Ören Yerleri İçin Özel Sektör ile İşbirliği

Arsameia Ören Yeri

Kültür turizminin merkezleri olan müze ve ören yerlerinin yıllardır süregelen sorunlarını bu köşede birçok kez dile getirmeye çalıştık. Bu sorunların başında bütçe yetersizliği, güvenlik, temizlik, bakım, koruma, havalandırma, mağaza ve dinlenme yerlerinin durumu gibi konular geliyor. Turist rehberleri olarak turlarımız sırasında zamanımızın çok büyük bölümünü geçirdiğimiz müze ve ören yerleri doğrudan ilgi alanımıza girdiği için bu konuları düşünmeden edemiyoruz.

Önceki hafta sonu Antalya’da yapılan 'Türk Turizminde Yeniden Yapılanma ve Yeni Açılımlar Zirvesi'nde de kültür turizminin geliştirilmesi yönünde çeşitli öneriler gündeme geldi. Turizm yatırımcılarından gelen önerilerden biri dikkat çekici nitelikte.

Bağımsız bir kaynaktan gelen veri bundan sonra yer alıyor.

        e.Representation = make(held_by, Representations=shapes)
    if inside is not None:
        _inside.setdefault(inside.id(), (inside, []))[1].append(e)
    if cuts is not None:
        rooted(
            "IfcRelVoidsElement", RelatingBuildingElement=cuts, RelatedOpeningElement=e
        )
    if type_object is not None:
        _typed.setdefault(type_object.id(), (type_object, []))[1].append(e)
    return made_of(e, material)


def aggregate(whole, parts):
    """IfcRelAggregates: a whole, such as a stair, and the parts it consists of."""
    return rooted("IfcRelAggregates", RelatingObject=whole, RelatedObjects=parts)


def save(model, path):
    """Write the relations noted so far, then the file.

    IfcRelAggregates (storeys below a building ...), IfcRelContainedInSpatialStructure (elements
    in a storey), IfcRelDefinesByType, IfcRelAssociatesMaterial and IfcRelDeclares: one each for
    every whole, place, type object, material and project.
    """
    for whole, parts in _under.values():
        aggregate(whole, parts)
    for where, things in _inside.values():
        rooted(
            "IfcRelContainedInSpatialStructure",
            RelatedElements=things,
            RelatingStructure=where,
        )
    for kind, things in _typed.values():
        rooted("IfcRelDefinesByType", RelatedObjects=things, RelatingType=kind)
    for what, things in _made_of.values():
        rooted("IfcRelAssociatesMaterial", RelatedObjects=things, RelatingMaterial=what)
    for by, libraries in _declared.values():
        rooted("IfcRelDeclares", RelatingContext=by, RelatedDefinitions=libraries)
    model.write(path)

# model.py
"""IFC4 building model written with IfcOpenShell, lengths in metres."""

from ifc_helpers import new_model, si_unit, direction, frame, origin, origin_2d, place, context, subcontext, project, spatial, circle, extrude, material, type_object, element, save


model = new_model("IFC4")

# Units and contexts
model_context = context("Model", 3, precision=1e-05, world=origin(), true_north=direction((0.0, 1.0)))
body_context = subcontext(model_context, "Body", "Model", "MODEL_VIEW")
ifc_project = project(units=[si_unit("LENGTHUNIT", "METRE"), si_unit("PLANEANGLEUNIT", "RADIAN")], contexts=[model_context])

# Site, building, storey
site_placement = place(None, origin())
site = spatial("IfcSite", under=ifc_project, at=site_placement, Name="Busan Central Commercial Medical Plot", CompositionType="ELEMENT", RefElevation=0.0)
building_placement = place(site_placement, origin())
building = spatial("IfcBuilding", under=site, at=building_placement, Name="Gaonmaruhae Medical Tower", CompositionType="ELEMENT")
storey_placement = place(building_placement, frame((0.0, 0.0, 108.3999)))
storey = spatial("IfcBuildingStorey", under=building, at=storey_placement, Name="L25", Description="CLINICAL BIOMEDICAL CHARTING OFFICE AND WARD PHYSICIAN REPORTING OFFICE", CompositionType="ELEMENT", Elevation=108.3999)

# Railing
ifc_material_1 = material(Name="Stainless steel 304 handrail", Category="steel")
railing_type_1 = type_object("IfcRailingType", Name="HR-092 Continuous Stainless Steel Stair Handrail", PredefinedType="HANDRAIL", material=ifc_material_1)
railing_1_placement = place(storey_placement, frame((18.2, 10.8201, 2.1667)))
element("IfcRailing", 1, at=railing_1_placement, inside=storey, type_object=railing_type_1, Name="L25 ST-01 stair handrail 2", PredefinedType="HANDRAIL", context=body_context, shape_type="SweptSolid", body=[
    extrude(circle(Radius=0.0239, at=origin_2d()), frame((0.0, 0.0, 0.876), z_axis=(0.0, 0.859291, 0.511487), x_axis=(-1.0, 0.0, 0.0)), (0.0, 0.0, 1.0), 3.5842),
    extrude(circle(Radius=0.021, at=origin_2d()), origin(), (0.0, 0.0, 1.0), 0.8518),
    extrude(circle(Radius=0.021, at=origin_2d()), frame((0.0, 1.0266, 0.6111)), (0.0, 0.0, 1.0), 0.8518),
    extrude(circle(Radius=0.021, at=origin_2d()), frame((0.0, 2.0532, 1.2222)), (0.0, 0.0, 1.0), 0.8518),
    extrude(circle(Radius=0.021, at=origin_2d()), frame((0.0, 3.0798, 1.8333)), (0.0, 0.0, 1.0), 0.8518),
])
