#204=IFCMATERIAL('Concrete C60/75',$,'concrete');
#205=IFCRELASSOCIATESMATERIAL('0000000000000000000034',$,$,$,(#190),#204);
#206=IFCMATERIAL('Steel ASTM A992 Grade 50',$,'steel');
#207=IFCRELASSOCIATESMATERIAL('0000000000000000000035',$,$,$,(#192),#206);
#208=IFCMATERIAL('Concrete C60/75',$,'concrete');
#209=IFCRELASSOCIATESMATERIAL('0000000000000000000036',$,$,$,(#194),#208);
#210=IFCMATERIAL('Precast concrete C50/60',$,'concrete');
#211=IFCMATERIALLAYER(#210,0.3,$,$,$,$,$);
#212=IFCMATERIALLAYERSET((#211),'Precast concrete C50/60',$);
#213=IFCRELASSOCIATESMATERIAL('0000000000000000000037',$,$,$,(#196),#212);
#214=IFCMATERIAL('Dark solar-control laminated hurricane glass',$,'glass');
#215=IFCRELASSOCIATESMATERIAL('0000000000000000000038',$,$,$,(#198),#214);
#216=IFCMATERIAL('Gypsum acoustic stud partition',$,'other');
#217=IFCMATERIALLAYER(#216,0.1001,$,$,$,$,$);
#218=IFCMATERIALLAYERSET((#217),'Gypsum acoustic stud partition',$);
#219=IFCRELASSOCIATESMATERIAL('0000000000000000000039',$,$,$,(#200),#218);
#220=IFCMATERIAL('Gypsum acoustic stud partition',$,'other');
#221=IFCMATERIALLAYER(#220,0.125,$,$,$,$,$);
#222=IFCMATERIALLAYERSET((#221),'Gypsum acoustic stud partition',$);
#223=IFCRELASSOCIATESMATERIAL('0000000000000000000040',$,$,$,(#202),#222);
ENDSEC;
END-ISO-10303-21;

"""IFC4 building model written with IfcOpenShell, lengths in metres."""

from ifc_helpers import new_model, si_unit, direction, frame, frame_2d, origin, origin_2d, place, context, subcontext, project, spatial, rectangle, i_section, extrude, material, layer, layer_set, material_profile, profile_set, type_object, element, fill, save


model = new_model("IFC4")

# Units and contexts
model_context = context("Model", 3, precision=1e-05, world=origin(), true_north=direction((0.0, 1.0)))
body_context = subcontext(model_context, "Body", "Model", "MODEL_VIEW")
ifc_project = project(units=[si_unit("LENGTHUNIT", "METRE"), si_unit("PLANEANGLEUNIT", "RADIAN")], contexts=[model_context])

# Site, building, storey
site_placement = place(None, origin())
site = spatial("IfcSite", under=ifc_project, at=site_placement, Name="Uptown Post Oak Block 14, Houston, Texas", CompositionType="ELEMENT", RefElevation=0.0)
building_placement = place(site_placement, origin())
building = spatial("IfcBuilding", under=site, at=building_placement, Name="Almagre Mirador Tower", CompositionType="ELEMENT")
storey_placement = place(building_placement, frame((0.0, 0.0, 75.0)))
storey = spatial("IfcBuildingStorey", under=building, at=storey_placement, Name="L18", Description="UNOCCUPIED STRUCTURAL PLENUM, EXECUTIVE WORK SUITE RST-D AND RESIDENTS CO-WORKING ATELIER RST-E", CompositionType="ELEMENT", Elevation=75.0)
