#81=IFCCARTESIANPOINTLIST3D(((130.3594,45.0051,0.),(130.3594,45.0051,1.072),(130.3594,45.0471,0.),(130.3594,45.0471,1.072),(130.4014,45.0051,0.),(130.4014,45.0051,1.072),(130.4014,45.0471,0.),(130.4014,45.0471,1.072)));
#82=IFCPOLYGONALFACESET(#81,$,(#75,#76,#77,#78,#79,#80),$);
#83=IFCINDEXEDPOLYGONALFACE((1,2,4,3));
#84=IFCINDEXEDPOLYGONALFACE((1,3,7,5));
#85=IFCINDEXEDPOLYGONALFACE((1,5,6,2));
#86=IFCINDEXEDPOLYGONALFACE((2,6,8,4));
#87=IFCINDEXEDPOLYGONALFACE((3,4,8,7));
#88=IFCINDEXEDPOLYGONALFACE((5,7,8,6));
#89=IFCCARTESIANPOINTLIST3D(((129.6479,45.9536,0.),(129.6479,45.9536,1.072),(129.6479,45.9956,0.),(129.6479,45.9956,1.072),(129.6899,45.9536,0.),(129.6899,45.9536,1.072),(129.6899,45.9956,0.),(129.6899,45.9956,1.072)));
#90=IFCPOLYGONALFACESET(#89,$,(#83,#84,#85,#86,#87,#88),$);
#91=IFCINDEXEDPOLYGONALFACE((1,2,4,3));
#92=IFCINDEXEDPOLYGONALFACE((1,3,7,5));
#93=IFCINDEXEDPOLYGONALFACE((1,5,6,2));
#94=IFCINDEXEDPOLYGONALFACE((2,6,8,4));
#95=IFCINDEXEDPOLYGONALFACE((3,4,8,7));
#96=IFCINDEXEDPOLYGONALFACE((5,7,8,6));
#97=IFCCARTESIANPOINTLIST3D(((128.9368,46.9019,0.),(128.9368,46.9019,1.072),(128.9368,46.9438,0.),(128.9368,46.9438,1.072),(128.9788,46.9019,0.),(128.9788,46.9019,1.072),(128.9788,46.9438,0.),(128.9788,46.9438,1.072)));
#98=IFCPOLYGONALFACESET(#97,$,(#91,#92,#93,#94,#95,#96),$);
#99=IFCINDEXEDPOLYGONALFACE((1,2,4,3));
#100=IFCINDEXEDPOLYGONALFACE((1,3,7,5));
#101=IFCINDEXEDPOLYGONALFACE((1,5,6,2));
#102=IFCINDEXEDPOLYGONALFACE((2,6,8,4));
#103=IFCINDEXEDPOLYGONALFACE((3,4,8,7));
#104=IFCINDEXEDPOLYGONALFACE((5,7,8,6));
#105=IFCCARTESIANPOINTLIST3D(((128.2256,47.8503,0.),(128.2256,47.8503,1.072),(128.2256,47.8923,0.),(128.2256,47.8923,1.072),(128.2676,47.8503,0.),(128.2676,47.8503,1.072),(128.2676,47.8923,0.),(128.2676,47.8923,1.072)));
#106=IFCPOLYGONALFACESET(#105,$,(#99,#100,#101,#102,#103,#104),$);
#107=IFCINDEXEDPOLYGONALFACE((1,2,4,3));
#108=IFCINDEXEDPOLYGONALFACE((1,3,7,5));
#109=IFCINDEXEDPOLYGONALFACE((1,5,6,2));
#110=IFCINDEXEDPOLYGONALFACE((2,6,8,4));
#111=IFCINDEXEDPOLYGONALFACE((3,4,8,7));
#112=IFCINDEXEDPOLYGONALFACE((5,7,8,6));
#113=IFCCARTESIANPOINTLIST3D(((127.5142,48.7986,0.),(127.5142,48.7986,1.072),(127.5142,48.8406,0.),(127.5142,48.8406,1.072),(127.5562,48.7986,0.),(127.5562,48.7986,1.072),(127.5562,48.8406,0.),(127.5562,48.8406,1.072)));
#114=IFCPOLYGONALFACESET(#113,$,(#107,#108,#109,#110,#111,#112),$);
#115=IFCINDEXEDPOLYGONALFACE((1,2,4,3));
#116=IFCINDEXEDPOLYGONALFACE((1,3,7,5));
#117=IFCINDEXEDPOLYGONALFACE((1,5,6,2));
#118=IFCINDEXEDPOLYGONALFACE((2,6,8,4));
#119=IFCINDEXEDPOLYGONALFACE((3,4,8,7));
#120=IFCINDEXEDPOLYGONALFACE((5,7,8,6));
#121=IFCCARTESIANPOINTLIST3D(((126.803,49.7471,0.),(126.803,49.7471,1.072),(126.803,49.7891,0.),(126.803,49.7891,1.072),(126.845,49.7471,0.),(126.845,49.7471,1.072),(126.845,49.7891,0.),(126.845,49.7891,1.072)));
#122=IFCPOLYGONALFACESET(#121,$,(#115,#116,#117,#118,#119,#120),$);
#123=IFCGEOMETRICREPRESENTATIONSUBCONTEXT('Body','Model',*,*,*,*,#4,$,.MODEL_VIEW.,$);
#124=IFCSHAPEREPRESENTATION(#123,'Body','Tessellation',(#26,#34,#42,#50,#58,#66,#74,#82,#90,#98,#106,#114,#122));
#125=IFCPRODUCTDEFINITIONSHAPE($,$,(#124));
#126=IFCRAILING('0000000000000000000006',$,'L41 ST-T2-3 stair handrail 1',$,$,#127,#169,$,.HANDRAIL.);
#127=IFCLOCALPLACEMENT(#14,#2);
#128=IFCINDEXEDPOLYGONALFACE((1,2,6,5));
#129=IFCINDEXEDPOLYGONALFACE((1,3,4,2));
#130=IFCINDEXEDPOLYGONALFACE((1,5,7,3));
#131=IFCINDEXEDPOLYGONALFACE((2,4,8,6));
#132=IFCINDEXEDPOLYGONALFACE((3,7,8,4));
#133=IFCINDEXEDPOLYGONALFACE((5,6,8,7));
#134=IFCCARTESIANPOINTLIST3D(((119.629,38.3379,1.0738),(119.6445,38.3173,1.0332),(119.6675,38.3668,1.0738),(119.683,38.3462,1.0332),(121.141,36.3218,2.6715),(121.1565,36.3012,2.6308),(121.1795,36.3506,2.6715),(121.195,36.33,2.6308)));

Öneri şöyle: Bugüne kadar hiç kazılmamış ören yerleri, talip olan yatırımcı gruplarına verilsin. Kazılar o firmanın tam desteği ile sürsün. Buralardan çıkarılan eserler, özgün tarihi dokusu içinde korunarak sergilensin, o ören yerinin tüm çevre düzenlemesi, bakımı, ziyaretçilere sunulacak hizmetler, birinci sınıf bir hizmet anlayışı ile bu firmaya yaptırılsın. Firma isterse o ören yerinin yakınına, çevre ve koruma kaygılarına uygun otel, restoran, kafeterya veya mağaza inşa edebilsin. Böylece bu çalışmadan tüm taraflar yararlanabilsin. Normal devlet bütçesi ile yakın zamanda kazılma olasılığı görünmeyen tarihi bir mekan gün ışığına çıkarılarak tarihi ve kültürel zenginliğimiz artsın, tarihten günümüze aktarılan bilgiler araştırmacılara, bilim adamlarına çalışmalarında ışık tutsun, ören yerine gelen ziyaretçi sayısı verilen kaliteli hizmet paralelinde artarak bu yatırımı üstlenen firma da ülkemizle birlikte kar etsin.

Antalya Turizm Zirvesinin sonuç bildirgesinde “Kültürel mirasın turizmi çeşitlendirme amacıyla turizme kazandırılması için özel sektör girişimciliğine olanak sağlayan yasal düzenlemelerin yapılması ve yeni cazibe merkezlerinin oluşturulması” maddesiyle yer alan bu öneri aslında oldukça yararlı. Ülkemizde, Sayın Bakan Atilla Koç’un da son günlerde katıldığı her toplantıda dile getirdiği gibi, hala toprak altında bulunan sayılarla ifade edilemeyecek kadar çok heykel, mimari yapı, tiyatro ve benzeri tarihi, kültürel eserler var.

Türkiye’de 20 bin höyük, 3 bin antik kent bulunmakta, 140 yerde kazı çalışması devam etmekte. Yani henüz bu zenginliklerin yüzde 5’i bile kazılmamış durumda. Bu tarihi, kültürel değerlerin yapılacak kazılarla dünya mirasına kazandırılması çalışmalarının maliyeti oldukça ağır, bu yüzden yıllardır bekleyen projeler var. Oysa özel sektöre, koruma kurallarına bağlı kalmak koşuluyla devredilecek bu kazılar sayesinde tarihi ve kültürel mirasımızın zenginliği daha kısa sürede gözler önüne serilebilir, çevre düzenlemeleri ve turistlere yönelik tesisler daha çağdaş bir görünüm kazanabilir.

Üstelik bu ören yerlerinin ziyarete açılması için kazıların bitmesini beklemeye de gerek yok. Kazılar sürerken, çalışmalar hakkında ziyaretçiler özel düzenlemelerle bilgilendirilebilir. İsrail’de yapıldığı gibi, arkeolojik kazı ekibinde yer alma organizasyonları bile düzenlenebilir. Bu tip turlara katılan turistler konuya ilgili olmaları nedeniyle yaptıkları işten gurur duyacak, kazdığı yerin tarihine, kültürüne sahip çıkacak, benimseyecek, tur sonrası ülkelerine döndüklerinde de eş ve dostlarıyla paylaştıkları bilgiler sayesinde ülkemiz topraklarındaki tarihi eserlerin tanıtımını son derece başarıyla gerçekleştirecekler. Kısacası ülkemizin tanıtım elçileri olacaklar.